Adapting to life during Covid-19
When Covid-19 hit and the circuit breaker started, both Zarenina and Christina were affected with fewer job assignments and shorter timings. Zarenina ended up being a medical escort for one patient and worked only four days per week for three hours each day. She was also required by her clients to wear gloves and masks at all times. “I got quite a few cancellations as clients got anxious and scared about the possibility of us spreading the virus.”
She also worked part-time in a nursing home, helping with preparing food, changing diapers and making the beds as the nurses and some staff had to be quarantined. As dormitory and import cases increased, she took a four-week break but by early August, Zarenina was back to helping patients at their homes, this time armed with masks and hand sanitisers.

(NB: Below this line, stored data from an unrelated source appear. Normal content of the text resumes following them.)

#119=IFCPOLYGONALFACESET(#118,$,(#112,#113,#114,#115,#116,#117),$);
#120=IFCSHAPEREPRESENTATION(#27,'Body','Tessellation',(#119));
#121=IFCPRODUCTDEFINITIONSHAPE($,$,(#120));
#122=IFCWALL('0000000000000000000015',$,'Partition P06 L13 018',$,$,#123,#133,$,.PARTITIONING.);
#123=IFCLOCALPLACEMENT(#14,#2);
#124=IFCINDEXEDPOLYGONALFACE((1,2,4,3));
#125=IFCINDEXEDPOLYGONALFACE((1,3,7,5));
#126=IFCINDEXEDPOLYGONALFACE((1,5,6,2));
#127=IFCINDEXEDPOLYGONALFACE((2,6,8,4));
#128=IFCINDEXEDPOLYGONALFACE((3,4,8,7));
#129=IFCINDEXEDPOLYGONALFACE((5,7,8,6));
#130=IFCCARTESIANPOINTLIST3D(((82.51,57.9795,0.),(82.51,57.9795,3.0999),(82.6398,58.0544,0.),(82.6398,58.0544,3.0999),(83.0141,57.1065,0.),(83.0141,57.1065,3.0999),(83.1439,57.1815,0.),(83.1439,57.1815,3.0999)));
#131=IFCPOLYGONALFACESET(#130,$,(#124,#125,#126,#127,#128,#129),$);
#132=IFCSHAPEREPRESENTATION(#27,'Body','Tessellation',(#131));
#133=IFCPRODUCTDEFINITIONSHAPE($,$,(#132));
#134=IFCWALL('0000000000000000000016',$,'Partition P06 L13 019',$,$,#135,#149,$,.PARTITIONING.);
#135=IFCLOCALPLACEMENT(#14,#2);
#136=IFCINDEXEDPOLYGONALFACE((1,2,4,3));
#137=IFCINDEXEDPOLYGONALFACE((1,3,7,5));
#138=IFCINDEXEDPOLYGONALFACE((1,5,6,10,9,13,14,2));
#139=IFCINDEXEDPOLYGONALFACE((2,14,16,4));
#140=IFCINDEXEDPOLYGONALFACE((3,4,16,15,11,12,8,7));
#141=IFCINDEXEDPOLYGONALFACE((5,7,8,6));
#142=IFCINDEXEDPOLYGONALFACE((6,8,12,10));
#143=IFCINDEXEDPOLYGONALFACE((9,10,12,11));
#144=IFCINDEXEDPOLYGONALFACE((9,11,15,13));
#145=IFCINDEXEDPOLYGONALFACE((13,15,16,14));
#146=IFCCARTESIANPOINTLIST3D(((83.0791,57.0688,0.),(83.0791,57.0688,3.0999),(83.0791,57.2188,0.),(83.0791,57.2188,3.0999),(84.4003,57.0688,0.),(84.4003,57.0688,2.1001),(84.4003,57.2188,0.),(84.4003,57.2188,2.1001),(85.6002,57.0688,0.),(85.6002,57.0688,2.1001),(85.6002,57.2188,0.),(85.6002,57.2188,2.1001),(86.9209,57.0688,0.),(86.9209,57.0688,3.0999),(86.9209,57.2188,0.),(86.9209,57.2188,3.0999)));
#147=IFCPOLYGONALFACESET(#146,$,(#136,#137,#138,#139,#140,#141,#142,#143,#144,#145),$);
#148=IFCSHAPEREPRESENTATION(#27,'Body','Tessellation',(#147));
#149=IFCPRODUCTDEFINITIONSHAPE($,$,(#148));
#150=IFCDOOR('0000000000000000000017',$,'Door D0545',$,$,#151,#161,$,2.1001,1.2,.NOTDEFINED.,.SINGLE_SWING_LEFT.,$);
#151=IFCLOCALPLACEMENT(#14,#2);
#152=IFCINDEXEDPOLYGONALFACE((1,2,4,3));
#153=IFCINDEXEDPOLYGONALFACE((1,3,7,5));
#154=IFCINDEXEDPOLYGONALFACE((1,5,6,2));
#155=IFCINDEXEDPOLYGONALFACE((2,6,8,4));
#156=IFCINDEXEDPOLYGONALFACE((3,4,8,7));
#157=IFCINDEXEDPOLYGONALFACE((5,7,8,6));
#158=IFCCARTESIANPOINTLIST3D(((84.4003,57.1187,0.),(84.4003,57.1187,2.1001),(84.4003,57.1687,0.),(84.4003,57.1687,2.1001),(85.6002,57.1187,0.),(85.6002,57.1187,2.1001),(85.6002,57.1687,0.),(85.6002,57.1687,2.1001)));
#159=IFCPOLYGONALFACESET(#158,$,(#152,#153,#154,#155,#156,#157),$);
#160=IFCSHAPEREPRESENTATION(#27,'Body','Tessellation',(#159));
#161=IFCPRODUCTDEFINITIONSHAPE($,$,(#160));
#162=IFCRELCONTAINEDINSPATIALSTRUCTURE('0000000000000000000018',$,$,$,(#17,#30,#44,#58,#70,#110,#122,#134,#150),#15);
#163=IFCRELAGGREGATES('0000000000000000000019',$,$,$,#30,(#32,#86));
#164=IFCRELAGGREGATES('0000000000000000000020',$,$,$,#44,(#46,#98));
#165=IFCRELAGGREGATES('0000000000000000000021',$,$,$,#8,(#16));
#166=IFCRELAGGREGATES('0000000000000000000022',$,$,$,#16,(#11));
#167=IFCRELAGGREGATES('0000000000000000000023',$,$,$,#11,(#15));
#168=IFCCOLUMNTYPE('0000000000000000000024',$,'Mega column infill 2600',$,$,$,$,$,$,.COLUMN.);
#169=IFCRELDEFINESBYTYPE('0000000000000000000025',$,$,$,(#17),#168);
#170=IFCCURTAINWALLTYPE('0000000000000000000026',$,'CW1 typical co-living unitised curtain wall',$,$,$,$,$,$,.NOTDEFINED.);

Christina adds: “It was difficult for me to secure caregiving assignments during circuit breaker as there were fewer cases available. I was doing about nine to 13 hours a week, instead of my normal 30 hours. Family members who were now staying at home could take care of their seniors. In my opinion, this is wonderful because they are able to care for their loved ones and understand their needs better. I also saw families become more cautious at having secondary caregivers such as myself in their homes.”
As a result, she has got into the habit of changing clothes each time she enters a senior’s home, and does the seven-step hand washing technique.
Advice to those looking to switch
Not everyone may be cut out to be a professional caregiver, but if this is something you would like to do, Zarenina and Christina have some advice.
For Zarenina, the most important thing is to be patient and a good listener. “Don’t do it because it pays well. Do it with empathy, not sympathy.” She counts her past experience in the hospitality industry as helping her care for her patients better.
Christina adds, “If you are thinking about making a career switch to caregiving, always follow your heart. Caregiving is an extremely meaningful and fulfilling career. It may be challenging at times but knowing that your work will make a positive difference to someone’s life will keep you moving forward.
“Being a caregiver is an extremely rewarding journey and if you think caregiving is your calling – take the leap of faith and embark on it. The experience will provide you with immense learning opportunities and life experiences.”